Egypt

Egypt discovers suspected remains of one lost solar temple

The joint Italian-Polish archaeological mission, working at the temple of King Niuserre in Abu Ghorab, north of Abu Sir, discovered the remains of a mud-brick building below the temple.

Preliminary studies suggests it is probably the remains of one of the lost four solar temples from Fifth Dynasty, known only in historical sources but yet to be discovered.

The Secretary-General of the Supreme Council of Antiquities Mostafa Waziri, said that the excavations at the site will be completed to reveal more about this building.

Waziri added that the remains of the discovered building are accessed through an entrance built of limestone, which leads to the area between the storehouses in the north and the wide courtyard area to the west.

The building has a paved floor of mud bricks and contains huge blocks of quartz, some of them with a weighted face and embedded in the floor below the floor of the temple of Niuserre.
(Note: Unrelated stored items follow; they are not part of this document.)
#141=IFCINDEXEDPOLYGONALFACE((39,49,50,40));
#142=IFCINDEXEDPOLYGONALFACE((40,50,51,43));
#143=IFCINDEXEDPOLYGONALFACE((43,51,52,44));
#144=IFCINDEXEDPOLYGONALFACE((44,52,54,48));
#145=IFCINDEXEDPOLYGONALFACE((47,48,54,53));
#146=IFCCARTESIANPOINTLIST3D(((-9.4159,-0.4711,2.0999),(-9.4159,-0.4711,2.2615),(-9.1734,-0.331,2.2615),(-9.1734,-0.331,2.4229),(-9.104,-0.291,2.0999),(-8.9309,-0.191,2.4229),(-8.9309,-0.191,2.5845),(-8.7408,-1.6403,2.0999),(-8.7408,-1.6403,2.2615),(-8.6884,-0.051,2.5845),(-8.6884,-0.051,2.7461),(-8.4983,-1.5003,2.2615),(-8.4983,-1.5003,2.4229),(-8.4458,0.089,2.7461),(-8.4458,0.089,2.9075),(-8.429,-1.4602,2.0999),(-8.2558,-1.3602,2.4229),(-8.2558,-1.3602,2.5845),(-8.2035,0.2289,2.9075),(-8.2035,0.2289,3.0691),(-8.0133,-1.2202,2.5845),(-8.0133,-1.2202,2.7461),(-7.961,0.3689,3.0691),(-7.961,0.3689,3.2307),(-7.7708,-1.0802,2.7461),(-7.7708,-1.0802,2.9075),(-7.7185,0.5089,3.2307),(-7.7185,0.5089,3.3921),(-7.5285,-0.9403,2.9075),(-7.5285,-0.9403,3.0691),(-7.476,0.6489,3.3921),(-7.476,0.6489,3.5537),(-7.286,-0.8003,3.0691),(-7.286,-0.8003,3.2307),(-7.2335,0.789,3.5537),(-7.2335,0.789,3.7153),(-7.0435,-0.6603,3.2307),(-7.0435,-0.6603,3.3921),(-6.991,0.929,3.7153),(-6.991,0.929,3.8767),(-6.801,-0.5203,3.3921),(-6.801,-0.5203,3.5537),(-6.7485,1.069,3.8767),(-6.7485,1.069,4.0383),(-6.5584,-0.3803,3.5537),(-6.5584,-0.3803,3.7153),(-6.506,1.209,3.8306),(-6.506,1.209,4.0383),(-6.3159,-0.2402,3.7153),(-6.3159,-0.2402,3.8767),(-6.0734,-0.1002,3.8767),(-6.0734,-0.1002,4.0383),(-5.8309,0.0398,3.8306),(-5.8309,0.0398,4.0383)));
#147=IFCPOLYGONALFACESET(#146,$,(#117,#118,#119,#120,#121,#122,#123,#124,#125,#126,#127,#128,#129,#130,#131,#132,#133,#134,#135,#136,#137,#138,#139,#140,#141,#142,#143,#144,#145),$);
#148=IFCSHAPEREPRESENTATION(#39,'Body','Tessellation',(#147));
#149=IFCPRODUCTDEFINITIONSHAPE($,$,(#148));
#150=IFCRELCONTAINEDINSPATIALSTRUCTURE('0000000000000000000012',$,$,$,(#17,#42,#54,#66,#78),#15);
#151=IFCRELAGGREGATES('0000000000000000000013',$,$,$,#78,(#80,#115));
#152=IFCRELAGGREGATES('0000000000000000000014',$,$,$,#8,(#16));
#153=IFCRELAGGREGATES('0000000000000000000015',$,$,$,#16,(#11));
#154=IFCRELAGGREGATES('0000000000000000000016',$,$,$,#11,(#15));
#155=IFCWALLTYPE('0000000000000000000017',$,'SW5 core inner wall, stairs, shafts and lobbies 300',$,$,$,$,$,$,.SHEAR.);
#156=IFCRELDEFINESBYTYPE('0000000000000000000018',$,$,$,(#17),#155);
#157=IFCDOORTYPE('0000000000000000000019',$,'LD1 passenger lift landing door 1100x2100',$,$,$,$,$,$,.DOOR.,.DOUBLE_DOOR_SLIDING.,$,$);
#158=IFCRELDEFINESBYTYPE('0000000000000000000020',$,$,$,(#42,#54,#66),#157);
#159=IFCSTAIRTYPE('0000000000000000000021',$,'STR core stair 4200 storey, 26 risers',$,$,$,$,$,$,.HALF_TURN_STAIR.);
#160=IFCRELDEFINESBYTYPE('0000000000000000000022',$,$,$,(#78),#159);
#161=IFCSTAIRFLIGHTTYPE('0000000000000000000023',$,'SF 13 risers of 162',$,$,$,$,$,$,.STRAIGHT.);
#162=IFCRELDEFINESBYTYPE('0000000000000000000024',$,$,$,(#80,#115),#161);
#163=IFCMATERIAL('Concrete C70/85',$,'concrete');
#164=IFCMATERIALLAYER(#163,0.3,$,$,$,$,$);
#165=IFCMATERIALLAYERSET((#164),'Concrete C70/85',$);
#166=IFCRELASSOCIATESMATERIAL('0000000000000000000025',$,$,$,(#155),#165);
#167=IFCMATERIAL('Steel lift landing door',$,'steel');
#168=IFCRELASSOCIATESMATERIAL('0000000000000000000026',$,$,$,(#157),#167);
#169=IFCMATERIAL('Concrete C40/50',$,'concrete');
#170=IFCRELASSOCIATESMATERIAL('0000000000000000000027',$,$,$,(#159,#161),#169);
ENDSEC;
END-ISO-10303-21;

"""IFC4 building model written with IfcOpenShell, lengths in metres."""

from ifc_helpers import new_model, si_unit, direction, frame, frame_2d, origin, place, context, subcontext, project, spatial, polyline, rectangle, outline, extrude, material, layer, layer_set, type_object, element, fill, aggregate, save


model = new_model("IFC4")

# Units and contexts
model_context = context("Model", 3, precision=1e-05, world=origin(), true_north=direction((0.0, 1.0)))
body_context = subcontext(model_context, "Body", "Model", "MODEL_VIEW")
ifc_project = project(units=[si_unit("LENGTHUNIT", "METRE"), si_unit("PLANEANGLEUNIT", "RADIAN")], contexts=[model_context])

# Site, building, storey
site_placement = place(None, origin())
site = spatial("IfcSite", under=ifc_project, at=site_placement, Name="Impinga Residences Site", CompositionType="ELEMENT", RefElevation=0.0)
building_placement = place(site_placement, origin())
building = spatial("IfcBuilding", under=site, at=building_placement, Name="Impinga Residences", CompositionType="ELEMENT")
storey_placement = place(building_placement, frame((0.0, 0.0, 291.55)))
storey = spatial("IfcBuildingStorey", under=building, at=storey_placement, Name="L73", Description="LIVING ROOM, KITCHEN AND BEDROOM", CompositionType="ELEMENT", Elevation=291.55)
The head of the Egyptian Antiquities Sector at the Supreme Council of Antiquities, Ayman Ashmawy, added that the remains of the discovered building indicate that it was built of mud bricks, and that it was partially removed by Niuserre to build his temple.

He pointed out that many pottery vessels were discovered at the site, which may have been used in the foundation rituals of the oldest temple, which were discovered in the northeastern corner of the interior of the Temple of the Sun and at the bottom of the stone slabs of the foundations of the temple of King Niuserre.

For his part, Mohamed Youssef, director of the Saqqara Antiquities Area, said that the foundation deposits were found at the level of the mud-brick wall of the ancient temple, which consisted of beer pots, midum pots and some pots with a red edge.